$$a_{n+2} = 5a_{n+1} - 6a_n$$ for all $n$ greater than or equal to $0$.
This is the recursive sequence I have. Find a solution of the recursive sequence that satisfies the initial conditions $a_0 = 3$ and $a_1 = 11$.
Main problem is I'm not familiar enough with recursive solutions to understand what I'm being asked. If I was given another sequence and asked to show does it satisfy the original one or not I could do that, but not this. Do I generate terms? Or it's not that simple. Have a great day everyone.
$$a_{n+2}-2a_{n+1}=3a_{n+1}-6a_n.$$ Let $b_n=a_{n+1}-2a_n.$
Thus, $b_0=11-6=5$ and $b_{n+1}=3b_n$, which gives $b_n=5\cdot3^n$.

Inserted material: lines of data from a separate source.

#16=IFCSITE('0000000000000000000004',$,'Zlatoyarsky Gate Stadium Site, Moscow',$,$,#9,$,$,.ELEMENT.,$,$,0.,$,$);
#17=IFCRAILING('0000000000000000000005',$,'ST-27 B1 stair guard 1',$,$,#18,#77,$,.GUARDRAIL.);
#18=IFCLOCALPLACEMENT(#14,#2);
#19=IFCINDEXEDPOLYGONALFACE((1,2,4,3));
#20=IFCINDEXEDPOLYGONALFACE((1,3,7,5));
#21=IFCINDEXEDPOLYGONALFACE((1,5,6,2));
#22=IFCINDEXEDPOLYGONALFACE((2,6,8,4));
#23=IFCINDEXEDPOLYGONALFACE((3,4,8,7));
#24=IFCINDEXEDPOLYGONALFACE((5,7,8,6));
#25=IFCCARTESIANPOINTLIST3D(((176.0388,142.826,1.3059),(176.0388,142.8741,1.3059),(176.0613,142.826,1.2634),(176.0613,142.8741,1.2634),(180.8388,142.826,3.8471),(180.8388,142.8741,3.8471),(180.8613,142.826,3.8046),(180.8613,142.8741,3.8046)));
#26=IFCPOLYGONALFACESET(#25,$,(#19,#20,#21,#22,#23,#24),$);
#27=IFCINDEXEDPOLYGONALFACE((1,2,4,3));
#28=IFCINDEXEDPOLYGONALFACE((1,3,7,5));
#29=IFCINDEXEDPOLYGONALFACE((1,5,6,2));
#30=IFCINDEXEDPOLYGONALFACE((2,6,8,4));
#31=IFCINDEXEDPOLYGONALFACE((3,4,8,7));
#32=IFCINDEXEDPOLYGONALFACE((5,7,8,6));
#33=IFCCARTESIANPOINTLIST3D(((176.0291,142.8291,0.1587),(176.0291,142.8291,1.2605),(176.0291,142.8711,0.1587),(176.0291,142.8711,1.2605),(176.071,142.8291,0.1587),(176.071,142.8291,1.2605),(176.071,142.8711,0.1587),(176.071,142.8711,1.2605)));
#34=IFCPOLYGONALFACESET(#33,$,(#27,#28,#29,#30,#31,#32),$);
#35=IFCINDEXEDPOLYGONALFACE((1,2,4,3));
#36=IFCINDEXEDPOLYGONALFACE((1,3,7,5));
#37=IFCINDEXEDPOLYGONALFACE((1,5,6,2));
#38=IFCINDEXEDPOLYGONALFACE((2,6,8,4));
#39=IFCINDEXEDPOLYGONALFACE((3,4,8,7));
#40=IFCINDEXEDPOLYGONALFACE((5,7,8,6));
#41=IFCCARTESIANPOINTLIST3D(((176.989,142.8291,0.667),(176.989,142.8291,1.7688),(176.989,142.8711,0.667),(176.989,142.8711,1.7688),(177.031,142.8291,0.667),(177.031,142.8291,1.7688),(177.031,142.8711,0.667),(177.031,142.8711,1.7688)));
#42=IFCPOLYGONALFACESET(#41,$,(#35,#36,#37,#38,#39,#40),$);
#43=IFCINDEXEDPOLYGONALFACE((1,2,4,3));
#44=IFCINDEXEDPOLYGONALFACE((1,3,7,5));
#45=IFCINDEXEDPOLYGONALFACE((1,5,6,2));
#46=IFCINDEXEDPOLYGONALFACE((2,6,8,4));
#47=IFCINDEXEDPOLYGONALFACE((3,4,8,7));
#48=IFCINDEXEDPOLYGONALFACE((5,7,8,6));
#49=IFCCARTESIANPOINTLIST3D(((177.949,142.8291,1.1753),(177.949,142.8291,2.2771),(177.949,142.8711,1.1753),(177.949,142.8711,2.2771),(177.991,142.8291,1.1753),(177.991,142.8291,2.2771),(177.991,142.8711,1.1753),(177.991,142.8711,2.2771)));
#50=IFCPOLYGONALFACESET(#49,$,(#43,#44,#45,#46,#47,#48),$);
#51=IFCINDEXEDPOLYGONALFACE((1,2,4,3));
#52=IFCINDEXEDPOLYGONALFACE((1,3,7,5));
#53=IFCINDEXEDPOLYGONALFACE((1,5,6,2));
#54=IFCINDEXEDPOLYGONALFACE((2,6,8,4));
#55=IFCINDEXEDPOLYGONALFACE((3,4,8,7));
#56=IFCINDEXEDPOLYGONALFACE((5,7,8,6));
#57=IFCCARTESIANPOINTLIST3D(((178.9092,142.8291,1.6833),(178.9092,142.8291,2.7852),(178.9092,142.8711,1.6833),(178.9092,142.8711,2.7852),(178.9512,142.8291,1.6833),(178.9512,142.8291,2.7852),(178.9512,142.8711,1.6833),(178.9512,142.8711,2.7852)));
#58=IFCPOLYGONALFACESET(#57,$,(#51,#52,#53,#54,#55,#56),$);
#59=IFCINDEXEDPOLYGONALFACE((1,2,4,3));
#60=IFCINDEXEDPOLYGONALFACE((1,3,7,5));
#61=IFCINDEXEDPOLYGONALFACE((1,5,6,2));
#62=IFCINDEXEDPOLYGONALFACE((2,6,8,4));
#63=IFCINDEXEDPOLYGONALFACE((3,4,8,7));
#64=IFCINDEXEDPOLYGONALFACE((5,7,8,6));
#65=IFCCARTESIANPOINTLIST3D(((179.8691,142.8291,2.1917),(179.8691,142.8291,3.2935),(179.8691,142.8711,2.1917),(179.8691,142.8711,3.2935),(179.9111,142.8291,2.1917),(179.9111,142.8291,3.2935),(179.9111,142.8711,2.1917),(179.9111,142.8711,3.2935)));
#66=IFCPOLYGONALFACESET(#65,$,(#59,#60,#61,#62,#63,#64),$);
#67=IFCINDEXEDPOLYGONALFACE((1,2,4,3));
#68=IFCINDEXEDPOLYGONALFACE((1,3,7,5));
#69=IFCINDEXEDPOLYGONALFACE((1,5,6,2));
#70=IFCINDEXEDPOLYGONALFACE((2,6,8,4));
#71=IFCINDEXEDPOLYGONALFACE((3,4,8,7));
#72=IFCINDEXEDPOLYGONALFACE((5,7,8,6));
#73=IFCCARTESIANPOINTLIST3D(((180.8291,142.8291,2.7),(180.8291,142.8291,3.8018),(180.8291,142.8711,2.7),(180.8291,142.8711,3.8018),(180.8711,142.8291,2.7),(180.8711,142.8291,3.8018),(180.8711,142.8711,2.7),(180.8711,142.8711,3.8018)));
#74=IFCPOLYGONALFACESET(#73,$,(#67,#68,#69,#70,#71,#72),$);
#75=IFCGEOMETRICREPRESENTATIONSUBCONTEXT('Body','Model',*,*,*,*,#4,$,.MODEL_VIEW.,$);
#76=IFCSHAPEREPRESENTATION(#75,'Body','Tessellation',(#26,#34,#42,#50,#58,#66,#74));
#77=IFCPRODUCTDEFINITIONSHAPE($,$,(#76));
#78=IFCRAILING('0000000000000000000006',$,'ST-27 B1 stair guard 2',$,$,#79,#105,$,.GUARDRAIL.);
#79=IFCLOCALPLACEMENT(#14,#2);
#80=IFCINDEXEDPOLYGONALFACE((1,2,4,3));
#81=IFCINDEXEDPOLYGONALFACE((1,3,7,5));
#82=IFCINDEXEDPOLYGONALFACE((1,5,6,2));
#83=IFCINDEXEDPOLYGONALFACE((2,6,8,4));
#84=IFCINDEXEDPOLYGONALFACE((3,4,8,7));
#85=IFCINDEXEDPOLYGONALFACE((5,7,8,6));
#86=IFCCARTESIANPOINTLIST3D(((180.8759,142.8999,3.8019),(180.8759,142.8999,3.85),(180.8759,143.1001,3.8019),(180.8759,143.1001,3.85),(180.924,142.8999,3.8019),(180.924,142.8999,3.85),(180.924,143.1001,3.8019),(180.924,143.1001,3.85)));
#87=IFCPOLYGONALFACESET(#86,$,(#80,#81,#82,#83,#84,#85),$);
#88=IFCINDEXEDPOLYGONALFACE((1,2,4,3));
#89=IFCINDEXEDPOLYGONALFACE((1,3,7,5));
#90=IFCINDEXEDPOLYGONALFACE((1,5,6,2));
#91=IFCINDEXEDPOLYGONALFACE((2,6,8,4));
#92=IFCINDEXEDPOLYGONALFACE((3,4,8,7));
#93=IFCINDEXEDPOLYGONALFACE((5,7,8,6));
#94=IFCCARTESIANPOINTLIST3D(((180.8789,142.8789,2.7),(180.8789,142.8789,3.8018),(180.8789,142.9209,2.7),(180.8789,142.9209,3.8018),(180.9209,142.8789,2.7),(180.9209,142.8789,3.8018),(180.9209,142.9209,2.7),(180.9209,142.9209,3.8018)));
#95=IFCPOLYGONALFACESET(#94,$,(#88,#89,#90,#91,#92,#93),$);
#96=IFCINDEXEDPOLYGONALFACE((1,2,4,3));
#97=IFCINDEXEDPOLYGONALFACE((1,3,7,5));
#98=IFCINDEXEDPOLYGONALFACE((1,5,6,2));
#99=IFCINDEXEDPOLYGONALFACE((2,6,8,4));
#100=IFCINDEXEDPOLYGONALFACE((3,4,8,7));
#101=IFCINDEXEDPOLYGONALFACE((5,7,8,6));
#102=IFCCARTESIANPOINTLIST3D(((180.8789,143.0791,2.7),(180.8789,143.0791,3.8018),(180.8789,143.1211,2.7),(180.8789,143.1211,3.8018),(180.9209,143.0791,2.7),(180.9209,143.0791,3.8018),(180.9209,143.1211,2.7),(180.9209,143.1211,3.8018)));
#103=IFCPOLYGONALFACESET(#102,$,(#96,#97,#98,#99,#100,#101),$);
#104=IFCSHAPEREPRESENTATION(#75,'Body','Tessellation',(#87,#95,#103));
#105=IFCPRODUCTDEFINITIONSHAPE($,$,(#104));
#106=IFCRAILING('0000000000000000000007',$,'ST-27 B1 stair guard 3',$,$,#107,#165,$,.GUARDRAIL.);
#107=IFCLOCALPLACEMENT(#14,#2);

Hence, $a_{n+1}-2a_n=5\cdot3^n$.
Now, $$a_1-2a_0=5\cdot3^0$$ $$\frac{1}{2}a_2-a_1=\frac{1}{2}\cdot5\cdot3^1=5\cdot\left(\frac{3}{2}\right)^1$$ $$\frac{1}{2^2}a_3-\frac{1}{2}a_2=5\cdot\left(\frac{3}{2}\right)^2$$ $$.$$ $$.$$ $$.$$ $$\frac{1}{2^{n-1}}a_n-\frac{1}{2^{n-2}}a_{n-1}=5\cdot\left(\frac{3}{2}\right)^{n-1}$$ and after summing of these equalities we obtain: $$\frac{1}{2^{n-1}}a_n-2a_0=5+5\left(\frac{3}{2}\right)^1+...+5\left(\frac{3}{2}\right)^{n-1}=\frac{5\left(\left(\frac{3}{2}\right)^n-1\right)}{\frac{3}{2}-1}=10\left(\left(\frac{3}{2}\right)^n-1\right),$$ which gives $$a_n=5\cdot3^n-2^{n+1}.$$ Done!